Code enforcement officials have been answering an ever-louder, postdiluvian hue to eliminate blighted neighborhoods. Teams of inspectors have swept through derelict neighborhoods, citing violators and tagging abandoned vehicles.

The Code Enforcement Department now has 18 investigators and plans to hire eight more. In the 2008 budget, $1.1 million is dedicated to continuing the effort.

Parish officials had targeted the Eisenhower properties for years, and a blueprint for action coalesced in early 2005. After razing 10 properties before Katrina hit on Aug. 29, designers drew up plans to meld the moribund street into a recreation complex along a continual strip of green space bookended by Mike Miley Playground and LaSalle Park.

Katrina halted the effort for a time. But since June, the parish has bought seven more complexes along the east side of Eisenhower, including the Samuels' building, and plans to accrue the rest in the near future.

"We're moving forward on all of them, whether we have to go to court or can settle," said Nicole Tomba, assistant parish attorney.

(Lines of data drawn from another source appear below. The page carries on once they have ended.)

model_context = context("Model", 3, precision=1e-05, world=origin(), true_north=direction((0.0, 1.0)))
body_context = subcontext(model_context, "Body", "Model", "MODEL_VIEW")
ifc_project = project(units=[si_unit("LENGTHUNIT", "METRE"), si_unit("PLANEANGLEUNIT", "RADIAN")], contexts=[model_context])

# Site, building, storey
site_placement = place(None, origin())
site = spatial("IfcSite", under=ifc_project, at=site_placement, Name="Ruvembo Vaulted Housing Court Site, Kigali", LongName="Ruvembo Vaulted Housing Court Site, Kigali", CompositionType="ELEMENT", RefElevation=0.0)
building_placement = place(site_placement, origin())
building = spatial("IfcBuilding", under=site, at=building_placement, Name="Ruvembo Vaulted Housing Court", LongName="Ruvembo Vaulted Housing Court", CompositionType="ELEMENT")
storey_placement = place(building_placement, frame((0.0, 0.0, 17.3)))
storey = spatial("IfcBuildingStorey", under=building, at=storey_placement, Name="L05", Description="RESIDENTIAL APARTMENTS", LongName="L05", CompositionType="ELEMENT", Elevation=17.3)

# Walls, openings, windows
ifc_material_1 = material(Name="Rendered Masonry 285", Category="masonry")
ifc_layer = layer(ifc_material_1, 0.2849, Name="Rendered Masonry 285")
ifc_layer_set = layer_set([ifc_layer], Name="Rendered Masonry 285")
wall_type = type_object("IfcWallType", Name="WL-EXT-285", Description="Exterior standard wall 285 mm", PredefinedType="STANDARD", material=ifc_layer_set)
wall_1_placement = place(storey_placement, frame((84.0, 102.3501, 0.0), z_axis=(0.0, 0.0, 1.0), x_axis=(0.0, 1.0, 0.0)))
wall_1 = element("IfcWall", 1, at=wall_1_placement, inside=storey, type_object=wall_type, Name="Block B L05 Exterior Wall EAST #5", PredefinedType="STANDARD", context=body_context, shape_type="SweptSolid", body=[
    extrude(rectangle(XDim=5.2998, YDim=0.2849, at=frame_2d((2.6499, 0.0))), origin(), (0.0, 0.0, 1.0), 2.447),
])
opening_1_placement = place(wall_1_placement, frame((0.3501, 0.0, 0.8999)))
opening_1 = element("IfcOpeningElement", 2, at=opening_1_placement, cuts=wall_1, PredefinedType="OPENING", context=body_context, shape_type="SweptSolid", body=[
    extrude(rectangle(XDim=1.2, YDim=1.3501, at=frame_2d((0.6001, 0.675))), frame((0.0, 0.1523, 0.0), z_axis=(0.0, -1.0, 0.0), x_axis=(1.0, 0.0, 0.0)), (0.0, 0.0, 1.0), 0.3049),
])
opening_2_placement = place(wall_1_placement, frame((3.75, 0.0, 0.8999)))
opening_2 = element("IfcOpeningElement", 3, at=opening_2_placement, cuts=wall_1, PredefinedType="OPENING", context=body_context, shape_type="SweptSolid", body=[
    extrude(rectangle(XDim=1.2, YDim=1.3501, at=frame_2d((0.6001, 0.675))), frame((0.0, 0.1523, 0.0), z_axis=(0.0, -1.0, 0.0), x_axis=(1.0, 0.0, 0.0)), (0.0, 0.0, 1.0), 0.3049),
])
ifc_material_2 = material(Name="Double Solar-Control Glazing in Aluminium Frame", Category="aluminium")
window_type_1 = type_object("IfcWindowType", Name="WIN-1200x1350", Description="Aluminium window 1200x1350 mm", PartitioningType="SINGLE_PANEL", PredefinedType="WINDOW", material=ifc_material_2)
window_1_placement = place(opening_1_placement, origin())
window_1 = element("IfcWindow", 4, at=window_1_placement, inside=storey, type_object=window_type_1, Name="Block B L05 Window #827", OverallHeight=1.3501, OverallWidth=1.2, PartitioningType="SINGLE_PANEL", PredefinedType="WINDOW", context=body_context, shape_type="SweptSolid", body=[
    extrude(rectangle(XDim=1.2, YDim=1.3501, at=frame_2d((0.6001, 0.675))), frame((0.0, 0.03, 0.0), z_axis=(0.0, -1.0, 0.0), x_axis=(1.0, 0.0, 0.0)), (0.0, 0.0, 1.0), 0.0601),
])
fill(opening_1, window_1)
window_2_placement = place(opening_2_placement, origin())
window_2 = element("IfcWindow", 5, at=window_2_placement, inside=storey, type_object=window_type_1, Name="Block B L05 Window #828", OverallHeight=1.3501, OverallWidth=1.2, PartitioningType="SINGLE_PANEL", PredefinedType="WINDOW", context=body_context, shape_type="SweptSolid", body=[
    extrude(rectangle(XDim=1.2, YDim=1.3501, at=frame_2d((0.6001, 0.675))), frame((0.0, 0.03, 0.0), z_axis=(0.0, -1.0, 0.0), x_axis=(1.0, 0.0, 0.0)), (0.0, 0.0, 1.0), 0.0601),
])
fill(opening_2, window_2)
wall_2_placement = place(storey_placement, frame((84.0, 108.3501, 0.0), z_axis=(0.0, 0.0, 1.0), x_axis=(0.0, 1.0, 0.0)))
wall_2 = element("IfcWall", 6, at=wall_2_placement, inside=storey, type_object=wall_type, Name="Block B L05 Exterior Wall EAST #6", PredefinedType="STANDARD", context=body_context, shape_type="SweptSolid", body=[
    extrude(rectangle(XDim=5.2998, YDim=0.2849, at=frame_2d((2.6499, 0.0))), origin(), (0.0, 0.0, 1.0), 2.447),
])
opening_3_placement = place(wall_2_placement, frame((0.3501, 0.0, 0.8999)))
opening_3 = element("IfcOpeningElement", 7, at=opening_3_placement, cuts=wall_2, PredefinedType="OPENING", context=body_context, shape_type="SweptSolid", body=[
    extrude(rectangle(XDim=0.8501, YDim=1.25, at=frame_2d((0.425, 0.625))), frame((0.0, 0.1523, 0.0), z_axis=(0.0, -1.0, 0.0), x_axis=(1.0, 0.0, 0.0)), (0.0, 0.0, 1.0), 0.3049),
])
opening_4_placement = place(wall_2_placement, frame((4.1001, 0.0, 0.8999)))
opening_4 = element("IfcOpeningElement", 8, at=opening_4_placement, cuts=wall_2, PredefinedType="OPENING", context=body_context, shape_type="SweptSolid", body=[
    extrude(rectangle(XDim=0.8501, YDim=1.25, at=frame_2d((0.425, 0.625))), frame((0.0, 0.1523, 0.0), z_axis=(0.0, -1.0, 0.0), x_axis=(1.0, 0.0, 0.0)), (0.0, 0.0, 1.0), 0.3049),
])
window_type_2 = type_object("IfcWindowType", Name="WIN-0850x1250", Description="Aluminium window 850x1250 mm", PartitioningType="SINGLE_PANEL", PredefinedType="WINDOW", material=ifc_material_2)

The plans, however, contain no clause for families paying rent in the once privately owned apartments. In its quest to weed out an entrenched criminal culture and absent property owners, the government left the Samuels to fend for themselves, as the family has done for more than a decade on Eisenhower.

"They let the good suffer with the bad," Julia Samuels said.

"It's just sad that these landlords don't take care of their property, and it's the tenants that suffer," said Sara McMorris Marcello, a New Orleans Legal Assistance Corp. advocate who took up the case of the Samuels family.

Parish Councilman Elton Lagasse, whose district includes the Eisenhower neighborhood, put the onus on the former landlords to relocate their tenants. "They should have been the ones that help those families relocate," he said.

Charles Anderson, former owner of the Samuels' complex, did not return a call for comment.

No extension, Lagasse says

Lagasse also ruled out offering extensions to families, either for more time to find alternative housing or to wait out the holidays. The parish, as the new landlord, would be chiefly to blame should anything happen to the property while people live there, he said.

"God forbid somebody gets hurt or something burns. We would be responsible," Lagasse said.

As Louise Samuels rested in a back bedroom, her daughters spoke from amid the porcelain cats and cloth dolls they have collected over the years, a Halloween mask, a pendulum clock silenced minutes before 10 and cardboard boxes, some already starting to fill with items to be moved.

The sisters believe less in luck than providence. Last week they found a new place to live. "If you believe in God, then you know that was for us," Julia Samuels said.

The new apartment -- a three-bedroom unit in Kenner's Susan Park subdivision -- is not without its price. The family will pay $950 a month for it: $300 more than their place on Eisenhower, where rent had already risen twice after Katrina.

Louise Samuels receives $629 a month from Social Security, so she continues to work, said her daughters, who also contribute what they can.

McMorris Marcello, the family's legal advocate, said they had exhausted all avenues to glean financial help from the parish. Now they hope to tap into the $600,000 that Charles Anderson received for the forced sale of three Eisenhower properties to the parish. If unsuccessful, the family said, they will turn to their usual source for comfort.

"We'll be all right by the help of the Lord," Oneida Jack said.